Sun too optimistic for Fall,

when vines at the arbor release

their perfume, the ready grapes,

bursting for harvest, waiting

for pies, sorbet,

or for the birds to eat them up.

 

On the beach, a sporty breeze

jets a spritz of scent: sea roses, pine.

The roses all fuchsia,

twitch: bees troubling them.

 

Scrub grass where terns nested,

gone from upright stalks

like hay, now downed and twisted

into golden threads, the sign still

there, warning “Stay Off!”

 

Boardwalk dry and sandy:

no more drippy swimmers.

 

At sunset, a shift.

White gull feathers go to pink

and off shore the light

paves a silvery path.

 

Air and water turn chilly then.

The roses dim, but eager bees

still fluff their warren of petals,

make those roses go wild.

 

Too fast, it’s twilight.

Mary Bonina lives in Cambridge, Massachusetts, and is the author of two poetry collections: Clear Eye Tea and Living Proof.
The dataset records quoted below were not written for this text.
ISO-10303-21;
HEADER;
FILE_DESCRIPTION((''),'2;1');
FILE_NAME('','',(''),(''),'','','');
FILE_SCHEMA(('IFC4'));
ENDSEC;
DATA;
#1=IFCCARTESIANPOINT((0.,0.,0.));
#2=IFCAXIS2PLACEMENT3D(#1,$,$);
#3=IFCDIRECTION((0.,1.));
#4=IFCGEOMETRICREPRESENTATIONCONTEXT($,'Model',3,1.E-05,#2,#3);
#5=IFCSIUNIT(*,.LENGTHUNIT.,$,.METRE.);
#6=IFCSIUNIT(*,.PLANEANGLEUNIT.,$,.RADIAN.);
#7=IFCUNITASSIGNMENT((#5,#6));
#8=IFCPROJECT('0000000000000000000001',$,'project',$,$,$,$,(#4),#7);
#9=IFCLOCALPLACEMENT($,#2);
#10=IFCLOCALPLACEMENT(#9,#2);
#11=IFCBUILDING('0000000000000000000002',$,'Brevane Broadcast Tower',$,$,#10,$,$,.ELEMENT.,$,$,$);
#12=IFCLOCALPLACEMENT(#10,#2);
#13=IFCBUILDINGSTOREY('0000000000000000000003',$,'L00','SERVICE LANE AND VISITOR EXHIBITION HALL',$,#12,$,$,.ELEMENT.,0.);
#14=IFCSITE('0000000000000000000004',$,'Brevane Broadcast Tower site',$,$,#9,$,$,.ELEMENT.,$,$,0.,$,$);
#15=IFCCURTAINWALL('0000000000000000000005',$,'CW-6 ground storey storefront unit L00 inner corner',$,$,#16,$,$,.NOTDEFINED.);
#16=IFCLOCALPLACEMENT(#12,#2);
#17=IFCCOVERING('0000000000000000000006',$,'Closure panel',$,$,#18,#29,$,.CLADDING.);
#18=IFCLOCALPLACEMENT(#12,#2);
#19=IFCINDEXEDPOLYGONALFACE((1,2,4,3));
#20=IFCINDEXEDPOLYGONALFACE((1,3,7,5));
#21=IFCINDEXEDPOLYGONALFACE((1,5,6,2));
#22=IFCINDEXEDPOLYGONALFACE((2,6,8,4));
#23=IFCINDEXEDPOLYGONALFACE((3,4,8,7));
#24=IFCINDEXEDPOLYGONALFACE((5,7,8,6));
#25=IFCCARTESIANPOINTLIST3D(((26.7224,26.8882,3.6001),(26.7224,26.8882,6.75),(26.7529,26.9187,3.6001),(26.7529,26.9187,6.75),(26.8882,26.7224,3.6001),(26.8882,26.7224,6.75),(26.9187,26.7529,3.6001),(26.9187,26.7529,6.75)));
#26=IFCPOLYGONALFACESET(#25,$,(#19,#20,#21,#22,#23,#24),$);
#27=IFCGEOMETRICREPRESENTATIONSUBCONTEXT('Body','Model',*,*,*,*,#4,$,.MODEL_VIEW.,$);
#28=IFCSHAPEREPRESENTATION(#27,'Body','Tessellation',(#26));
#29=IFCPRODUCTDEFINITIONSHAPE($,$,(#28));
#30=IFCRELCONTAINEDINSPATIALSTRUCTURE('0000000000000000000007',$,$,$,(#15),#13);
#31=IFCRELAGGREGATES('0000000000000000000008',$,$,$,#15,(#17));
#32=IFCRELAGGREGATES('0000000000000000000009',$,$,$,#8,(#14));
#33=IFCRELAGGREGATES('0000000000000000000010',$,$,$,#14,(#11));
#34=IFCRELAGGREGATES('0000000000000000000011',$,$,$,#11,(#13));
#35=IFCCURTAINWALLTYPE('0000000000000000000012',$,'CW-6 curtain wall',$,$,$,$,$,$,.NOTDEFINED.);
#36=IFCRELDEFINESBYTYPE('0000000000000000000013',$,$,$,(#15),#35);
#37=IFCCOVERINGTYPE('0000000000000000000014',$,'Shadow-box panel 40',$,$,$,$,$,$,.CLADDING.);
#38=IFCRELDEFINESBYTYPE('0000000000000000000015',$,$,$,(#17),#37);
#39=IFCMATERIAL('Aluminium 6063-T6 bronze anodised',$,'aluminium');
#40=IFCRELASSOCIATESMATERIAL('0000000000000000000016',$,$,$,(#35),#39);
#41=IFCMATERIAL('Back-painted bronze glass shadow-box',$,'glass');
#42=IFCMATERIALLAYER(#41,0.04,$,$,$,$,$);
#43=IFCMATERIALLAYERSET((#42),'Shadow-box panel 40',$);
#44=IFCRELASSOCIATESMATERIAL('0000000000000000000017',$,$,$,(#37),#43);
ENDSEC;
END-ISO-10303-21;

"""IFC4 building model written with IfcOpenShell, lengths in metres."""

from ifc_helpers import new_model, si_unit, direction, frame, origin, place, context, subcontext, project, spatial, polyline, outline, extrude, material, layer, layer_set, type_object, element, aggregate, save


model = new_model("IFC4")

# Units and contexts
model_context = context("Model", 3, precision=1e-05, world=origin(), true_north=direction((0.0, 1.0)))
body_context = subcontext(model_context, "Body", "Model", "MODEL_VIEW")
ifc_project = project(units=[si_unit("LENGTHUNIT", "METRE"), si_unit("PLANEANGLEUNIT", "RADIAN")], contexts=[model_context])

# Site, building, storey
site_placement = place(None, origin())
site = spatial("IfcSite", under=ifc_project, at=site_placement, Name="Brevane Broadcast Tower site", CompositionType="ELEMENT", RefElevation=0.0)
building_placement = place(site_placement, origin())
building = spatial("IfcBuilding", under=site, at=building_placement, Name="Brevane Broadcast Tower", CompositionType="ELEMENT")
storey_placement = place(building_placement, origin())
storey = spatial("IfcBuildingStorey", under=building, at=storey_placement, Name="L00", Description="SERVICE LANE AND VISITOR EXHIBITION HALL", CompositionType="ELEMENT", Elevation=0.0)

# Shared definitions
ifc_material_1 = material(Name="Aluminium 6063-T6 bronze anodised", Category="aluminium")
curtain_wall_type = type_object("IfcCurtainWallType", Name="CW-6 curtain wall", PredefinedType="NOTDEFINED", material=ifc_material_1)

# Curtain wall, covering
curtain_wall_1_placement = place(storey_placement, origin())
curtain_wall_1 = element("IfcCurtainWall", 1, at=curtain_wall_1_placement, inside=storey, type_object=curtain_wall_type, Name="CW-6 ground storey storefront unit L00 inner corner", PredefinedType="NOTDEFINED")
ifc_material_2 = material(Name="Back-painted bronze glass shadow-box", Category="glass")
ifc_layer_1 = layer(ifc_material_2, 0.04)
ifc_layer_set_1 = layer_set([ifc_layer_1], Name="Shadow-box panel 40")
covering_type = type_object("IfcCoveringType", Name="Shadow-box panel 40", PredefinedType="CLADDING", material=ifc_layer_set_1)
covering_1_placement = place(storey_placement, frame((0.0, 0.0, 3.6001)))
covering_1 = element("IfcCovering", 2, at=covering_1_placement, type_object=covering_type, Name="Closure panel", PredefinedType="CLADDING", context=body_context, shape_type="SweptSolid", body=[
    extrude(outline(polyline([(26.8882, 26.7224), (26.9187, 26.7529), (26.7529, 26.9187), (26.7224, 26.8882), (26.8882, 26.7224)])), origin(), (0.0, 0.0, 1.0), 3.1499),
])
aggregate(curtain_wall_1, [covering_1])

save(model, "model.ifc")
She is also the author of the chapbook, Lunch in Chinatown, and the memoir, My Father's Eyes. She has been a fellow of the Virginia Center for the Creative Arts, where in 2002, she was named finalist for the Goldfarb Family Fellowship, and has since had several residencies, including one at the Center's retreat, Moulin a Nef, in Auvillar, France. Her work has appeared in Salamander, Hanging Loose, Poets and Writers, the Worcester Review, and many other journals. Poems are forthcoming in The Lowell Review and Mom Egg. Her completed novel, My Way Home, is in search of a publisher.

October 2022

The autumnal equinox has come and gone; and last week the heavens opened at long last - a harbinger, we hope, for this spanking new October. Water, the true elixir of life, alters us all - from the parched pond to fall’s un-greening leaves. May it continue to flow.

Pond Alchemy

by Linda Hoffman

sheets of angled rain

pierce the pond

water meets water

lily pads

host their guests

a frog and beads of water

attentive to water

a blue heron

waits —

the wise say,

‘the way of water

is to flow’

a black cormorant

grasps a snag

winging water droplets

tree swallows

pluck insects

splash of water

the wise teach,

‘water never

harms water’

weaving threads

of iridescent water

dragonflies hover.

Linda Hoffman’s artwork includes bronze sculpture, outdoor installations, watercolors, and digital prints. She is the fruit grower at Old Frog Pond Farm and the author of the memoir, The Artist and the Orchard, from Loom Press.